Another notable front involves theragnostic nanosystems, which integrate both therapeutic and diagnostic functions. Beyond drug delivery, these platforms can be functionalized with imaging agents, such as magnetic iron oxide nanoparticles (for magnetic resonance imaging) or fluorescent dyes traceable by bioimaging techniques [131]. This enables real-time monitoring of neuroinflammation by detecting microglial marker expression or oxidative stress intensity, correlating these findings with clinical responses. Such dynamic monitoring may allow for individualized adjustments in therapy.

Furthermore, the co-encapsulation of molecules with complementary activities emerges as a relevant strategy to simultaneously address different MDD targets [132]. Natural compounds such as curcumin and resveratrol have well-documented anti-inflammatory and antioxidant effects, in addition to potential antidepressant properties [133]. Meanwhile, agomelatine and ketamine exhibit established antidepressant activity with indirect effects on inflammation and neuroplasticity [134]. Controlled combination of these agents within nanosystems could generate synergistic effects, reducing required doses and minimizing toxicities.

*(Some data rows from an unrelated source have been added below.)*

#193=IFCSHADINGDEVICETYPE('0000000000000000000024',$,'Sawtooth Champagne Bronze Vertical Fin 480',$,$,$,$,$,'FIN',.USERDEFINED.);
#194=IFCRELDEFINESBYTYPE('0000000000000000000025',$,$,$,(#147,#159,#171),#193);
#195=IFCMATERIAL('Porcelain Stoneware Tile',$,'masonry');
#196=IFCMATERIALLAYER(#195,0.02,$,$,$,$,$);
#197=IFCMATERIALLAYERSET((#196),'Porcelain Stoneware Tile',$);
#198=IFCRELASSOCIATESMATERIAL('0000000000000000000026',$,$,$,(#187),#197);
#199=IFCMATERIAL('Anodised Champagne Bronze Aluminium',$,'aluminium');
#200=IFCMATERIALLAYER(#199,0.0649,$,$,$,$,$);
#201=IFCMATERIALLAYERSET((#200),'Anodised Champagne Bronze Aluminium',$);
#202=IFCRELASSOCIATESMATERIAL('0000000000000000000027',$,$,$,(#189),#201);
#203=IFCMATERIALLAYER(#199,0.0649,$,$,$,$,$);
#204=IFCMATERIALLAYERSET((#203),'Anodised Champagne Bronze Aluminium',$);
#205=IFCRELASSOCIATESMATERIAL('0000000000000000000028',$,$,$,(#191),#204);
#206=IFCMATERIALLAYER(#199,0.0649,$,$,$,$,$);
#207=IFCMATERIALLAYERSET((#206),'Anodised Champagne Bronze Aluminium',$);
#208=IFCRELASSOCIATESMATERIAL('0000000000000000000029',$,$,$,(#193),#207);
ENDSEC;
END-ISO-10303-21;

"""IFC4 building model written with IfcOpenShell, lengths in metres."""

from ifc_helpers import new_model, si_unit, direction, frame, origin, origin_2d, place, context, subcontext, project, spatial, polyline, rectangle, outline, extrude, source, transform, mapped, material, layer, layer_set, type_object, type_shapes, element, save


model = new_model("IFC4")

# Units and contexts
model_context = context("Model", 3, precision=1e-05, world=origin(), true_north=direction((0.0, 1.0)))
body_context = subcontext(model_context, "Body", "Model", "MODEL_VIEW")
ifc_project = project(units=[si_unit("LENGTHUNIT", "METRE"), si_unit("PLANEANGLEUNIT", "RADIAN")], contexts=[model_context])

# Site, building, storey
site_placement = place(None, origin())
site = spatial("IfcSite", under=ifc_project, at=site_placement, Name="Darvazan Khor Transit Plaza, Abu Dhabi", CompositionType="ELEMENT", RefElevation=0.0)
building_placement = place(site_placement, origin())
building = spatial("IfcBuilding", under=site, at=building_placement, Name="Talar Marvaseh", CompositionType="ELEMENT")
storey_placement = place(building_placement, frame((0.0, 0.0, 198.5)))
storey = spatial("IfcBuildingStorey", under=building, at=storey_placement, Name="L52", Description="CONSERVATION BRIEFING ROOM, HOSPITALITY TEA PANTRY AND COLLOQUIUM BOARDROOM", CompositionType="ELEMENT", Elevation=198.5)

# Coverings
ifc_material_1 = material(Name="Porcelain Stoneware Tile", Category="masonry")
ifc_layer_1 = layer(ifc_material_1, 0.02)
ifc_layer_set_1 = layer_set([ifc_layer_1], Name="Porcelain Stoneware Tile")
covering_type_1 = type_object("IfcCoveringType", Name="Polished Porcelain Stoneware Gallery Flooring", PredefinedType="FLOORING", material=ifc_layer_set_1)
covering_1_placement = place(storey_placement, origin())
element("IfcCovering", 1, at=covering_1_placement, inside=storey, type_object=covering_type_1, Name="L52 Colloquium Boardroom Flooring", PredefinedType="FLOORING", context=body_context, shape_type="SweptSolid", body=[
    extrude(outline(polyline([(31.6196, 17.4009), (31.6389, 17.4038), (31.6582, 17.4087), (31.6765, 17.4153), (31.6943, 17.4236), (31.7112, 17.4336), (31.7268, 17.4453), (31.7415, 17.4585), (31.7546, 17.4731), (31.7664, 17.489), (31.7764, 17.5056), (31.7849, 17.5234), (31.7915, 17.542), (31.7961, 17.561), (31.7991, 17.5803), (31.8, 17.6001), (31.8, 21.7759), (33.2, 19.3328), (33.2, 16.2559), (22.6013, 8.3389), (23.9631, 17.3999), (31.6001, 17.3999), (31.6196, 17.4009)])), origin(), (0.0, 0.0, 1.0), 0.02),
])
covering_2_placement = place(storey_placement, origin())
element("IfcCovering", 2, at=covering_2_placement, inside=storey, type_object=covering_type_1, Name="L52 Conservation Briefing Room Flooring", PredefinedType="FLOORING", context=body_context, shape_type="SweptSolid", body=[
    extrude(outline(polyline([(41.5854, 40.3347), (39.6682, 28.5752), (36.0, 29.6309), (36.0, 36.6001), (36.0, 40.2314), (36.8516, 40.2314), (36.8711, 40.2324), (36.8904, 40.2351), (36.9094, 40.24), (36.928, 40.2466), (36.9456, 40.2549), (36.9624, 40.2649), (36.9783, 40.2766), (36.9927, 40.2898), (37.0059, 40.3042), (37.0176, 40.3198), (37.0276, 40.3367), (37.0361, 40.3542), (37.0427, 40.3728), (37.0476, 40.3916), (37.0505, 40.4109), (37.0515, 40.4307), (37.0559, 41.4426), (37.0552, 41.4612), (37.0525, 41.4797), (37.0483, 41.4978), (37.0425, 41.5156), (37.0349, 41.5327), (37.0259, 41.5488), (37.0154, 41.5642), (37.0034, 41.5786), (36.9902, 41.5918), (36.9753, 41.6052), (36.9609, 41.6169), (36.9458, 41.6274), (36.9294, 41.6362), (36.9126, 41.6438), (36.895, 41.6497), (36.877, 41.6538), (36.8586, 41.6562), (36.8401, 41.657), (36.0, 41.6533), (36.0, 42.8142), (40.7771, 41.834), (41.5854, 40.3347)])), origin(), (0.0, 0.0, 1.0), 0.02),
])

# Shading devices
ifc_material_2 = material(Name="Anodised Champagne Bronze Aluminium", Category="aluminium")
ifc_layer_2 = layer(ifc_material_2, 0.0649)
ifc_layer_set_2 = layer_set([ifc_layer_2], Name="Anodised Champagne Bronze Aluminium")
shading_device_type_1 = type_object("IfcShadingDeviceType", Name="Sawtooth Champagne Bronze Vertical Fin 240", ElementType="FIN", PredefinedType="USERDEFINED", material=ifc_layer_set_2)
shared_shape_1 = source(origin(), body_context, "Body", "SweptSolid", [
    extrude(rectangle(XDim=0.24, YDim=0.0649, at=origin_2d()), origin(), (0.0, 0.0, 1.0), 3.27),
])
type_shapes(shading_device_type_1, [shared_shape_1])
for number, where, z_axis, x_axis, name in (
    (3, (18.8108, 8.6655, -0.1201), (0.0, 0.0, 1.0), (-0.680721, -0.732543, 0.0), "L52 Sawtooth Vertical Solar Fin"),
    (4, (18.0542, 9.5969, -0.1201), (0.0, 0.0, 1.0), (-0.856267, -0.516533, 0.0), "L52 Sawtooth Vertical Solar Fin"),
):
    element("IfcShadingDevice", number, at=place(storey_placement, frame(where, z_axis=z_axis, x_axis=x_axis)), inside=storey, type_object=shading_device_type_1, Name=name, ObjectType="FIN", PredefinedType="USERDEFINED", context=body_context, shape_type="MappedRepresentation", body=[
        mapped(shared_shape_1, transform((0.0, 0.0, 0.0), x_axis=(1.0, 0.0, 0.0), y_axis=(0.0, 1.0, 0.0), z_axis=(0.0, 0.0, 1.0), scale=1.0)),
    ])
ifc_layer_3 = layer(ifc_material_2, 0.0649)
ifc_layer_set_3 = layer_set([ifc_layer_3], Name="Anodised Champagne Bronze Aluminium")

Additionally, administration of nanoparticles through alternative routes, such as intranasal delivery, enables direct transport of these nanosystems to the central nervous system, bypassing the BBB and reducing systemic side effects [135]. Biomimetic systems, such as exosomes or nanoparticles coated with cellular membranes, also stand out for enhancing biocompatibility, promoting immune evasion, and mimicking physiological pathways of cell communication [136].

Despite these advances, it is crucial to emphasize that safety concerns and translational barriers remain major obstacles to clinical application. Nanoparticles can induce inflammatory responses, oxidative stress, genotoxicity, and mitochondrial dysfunction depending on their composition, size, and surface chemistry, highlighting the need for rigorous toxicological assessment. Moreover, their ability to cross physiological barriers raises uncertainties regarding long-term accumulation, off-target interactions, and potential neurotoxicity. Overcoming these limitations will require integrated efforts to ensure biocompatibility, reproducibility, and robust characterization of nanosystems before they can be safely incorporated into pharmacotherapy for MDD [137,138].

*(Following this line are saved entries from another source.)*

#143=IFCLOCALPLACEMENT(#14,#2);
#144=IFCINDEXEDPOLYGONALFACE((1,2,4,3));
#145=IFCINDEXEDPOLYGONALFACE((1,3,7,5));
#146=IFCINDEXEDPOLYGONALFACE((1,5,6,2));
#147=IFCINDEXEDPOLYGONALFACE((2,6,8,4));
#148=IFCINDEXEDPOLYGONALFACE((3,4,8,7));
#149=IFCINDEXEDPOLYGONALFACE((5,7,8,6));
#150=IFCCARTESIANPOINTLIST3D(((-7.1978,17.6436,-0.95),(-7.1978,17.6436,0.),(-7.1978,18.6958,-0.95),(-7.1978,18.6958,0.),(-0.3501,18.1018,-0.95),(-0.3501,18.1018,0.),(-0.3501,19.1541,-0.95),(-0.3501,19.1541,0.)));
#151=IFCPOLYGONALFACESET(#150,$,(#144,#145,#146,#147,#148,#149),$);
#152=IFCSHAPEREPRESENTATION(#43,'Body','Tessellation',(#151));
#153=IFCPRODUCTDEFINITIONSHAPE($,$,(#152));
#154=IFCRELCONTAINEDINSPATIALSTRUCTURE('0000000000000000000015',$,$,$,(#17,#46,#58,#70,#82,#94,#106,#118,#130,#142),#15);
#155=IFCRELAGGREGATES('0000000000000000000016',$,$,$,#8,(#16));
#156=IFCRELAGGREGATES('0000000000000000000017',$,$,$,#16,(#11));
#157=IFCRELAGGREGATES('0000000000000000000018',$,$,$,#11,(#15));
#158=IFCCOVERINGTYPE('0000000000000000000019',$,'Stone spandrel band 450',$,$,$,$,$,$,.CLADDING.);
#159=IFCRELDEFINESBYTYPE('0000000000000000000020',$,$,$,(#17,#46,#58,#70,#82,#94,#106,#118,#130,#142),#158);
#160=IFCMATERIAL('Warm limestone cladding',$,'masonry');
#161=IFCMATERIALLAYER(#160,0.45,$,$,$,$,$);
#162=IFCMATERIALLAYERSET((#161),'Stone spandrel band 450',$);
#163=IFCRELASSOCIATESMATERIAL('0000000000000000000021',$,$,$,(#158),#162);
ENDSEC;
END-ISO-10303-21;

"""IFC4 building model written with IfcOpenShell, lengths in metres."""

In summary, nanoparticles must evolve toward greater selectivity and responsiveness, combining multiple therapeutic mechanisms while enabling real-time monitoring of treatment outcomes. By integrating nanotechnology with pharmacogenomics and inflammatory biomarkers, there is potential to achieve personalized and more effective therapies for patients with treatment-resistant depression. This path represents not only a technological innovation but also a paradigm shift in microglial modulation as a clinical strategy against MDD.

9. Conclusions

MDD remains a major global health challenge, largely due to the multifactorial nature of its pathophysiology and the limited efficacy of current pharmacological treatments. Emerging evidence strongly supports the role of microglial activation and neuroinflammation as key drivers of treatment resistance, highlighting the need for therapeutic strategies that go beyond monoaminergic modulation. Nanotechnology offers a unique opportunity to address these challenges by enabling targeted drug delivery, controlled release, and co-delivery of multimodal agents capable of modulating microglial function and in-flammatory signaling pathways.

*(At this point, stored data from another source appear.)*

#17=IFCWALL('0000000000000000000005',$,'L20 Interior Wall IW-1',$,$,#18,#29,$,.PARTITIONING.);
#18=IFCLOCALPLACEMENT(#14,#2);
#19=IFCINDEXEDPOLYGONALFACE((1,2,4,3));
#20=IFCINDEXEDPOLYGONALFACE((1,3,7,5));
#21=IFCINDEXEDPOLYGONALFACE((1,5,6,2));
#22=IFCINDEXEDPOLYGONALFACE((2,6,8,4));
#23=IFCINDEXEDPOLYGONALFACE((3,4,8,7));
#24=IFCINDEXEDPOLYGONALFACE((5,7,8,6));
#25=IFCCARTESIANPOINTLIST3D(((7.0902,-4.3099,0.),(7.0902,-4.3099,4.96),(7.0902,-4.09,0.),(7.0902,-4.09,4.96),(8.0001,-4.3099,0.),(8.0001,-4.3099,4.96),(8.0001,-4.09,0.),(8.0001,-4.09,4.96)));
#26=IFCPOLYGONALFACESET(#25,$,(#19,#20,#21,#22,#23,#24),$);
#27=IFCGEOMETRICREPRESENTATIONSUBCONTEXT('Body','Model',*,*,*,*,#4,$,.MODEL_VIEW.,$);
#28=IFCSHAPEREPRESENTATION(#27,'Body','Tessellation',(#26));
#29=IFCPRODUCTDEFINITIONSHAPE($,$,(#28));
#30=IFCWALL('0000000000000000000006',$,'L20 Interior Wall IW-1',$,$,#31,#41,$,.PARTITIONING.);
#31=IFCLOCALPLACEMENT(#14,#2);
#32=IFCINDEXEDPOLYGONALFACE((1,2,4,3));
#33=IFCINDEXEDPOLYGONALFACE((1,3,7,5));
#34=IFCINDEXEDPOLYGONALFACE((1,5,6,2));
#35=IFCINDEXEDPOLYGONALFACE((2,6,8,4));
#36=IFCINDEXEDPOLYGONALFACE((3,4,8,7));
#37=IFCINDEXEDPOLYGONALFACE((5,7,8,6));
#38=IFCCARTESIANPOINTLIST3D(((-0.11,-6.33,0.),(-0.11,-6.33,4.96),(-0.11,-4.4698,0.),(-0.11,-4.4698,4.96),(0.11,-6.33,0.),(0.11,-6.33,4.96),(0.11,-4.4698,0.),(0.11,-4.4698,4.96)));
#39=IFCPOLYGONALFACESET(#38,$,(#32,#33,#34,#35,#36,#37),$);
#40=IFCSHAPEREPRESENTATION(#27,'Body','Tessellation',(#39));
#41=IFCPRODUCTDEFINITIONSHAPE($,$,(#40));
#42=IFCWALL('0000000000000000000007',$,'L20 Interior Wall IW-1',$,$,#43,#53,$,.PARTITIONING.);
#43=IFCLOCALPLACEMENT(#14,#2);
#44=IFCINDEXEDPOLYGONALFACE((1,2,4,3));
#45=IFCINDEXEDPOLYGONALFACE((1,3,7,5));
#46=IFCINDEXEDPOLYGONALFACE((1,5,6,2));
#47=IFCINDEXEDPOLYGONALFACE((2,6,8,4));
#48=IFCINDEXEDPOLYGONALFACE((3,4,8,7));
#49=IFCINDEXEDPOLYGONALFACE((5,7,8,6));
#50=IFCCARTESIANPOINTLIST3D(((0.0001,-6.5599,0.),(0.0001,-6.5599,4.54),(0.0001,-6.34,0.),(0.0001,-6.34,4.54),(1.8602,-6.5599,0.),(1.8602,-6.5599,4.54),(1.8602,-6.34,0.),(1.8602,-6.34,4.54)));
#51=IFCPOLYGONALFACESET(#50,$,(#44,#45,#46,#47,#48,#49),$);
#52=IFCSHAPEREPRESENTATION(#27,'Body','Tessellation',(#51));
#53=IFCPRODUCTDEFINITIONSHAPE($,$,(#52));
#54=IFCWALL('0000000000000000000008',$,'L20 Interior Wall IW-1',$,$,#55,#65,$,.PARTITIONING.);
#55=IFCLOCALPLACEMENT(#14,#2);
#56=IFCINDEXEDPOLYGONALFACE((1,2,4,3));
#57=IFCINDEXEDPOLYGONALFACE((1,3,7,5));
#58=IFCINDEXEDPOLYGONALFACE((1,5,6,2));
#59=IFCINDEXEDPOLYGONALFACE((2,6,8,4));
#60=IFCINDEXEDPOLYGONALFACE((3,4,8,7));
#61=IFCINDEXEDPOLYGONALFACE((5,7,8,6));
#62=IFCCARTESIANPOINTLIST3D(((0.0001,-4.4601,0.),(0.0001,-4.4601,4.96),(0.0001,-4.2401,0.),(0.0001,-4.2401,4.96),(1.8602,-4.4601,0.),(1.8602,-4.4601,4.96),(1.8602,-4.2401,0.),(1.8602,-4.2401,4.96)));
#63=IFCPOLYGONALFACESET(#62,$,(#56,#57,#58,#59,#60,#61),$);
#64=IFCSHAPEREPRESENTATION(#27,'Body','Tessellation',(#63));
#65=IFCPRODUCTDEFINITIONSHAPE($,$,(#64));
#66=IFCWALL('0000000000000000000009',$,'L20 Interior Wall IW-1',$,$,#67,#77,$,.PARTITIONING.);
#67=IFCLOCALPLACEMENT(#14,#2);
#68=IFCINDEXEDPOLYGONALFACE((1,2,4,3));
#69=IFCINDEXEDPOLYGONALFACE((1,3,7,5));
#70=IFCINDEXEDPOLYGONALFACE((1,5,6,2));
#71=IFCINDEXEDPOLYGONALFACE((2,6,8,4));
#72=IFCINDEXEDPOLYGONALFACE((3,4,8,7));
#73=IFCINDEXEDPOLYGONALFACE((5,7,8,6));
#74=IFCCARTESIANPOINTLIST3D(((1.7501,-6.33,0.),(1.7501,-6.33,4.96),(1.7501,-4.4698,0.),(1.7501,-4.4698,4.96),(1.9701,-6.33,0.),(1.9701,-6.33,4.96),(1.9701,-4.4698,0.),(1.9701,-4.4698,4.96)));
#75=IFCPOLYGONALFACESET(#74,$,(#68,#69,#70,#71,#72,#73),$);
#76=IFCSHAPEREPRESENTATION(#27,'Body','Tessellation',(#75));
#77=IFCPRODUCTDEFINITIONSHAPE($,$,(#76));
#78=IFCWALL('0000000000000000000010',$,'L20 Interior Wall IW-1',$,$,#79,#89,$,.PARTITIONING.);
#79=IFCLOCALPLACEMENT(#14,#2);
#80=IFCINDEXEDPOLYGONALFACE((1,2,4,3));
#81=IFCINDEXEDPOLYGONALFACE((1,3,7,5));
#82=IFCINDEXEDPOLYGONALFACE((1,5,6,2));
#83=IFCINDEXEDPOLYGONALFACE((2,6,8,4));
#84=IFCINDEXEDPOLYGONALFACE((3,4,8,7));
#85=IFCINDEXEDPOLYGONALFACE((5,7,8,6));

Preclinical studies have shown that nanocarriers can improve antidepressant bioavailability, enhance brain penetration, and promote neuroprotective effects through antioxidant and anti-inflammatory actions. While clinical translation remains in its early stages, the integration of nanotechnology with precision medicine approaches holds promise for the development of next-generation therapies for depression. Targeting microglia via nanotechnology emerges as a cutting-edge strategy with the potential to transform the therapeutic landscape of MDD, offering more effective and personalized interventions.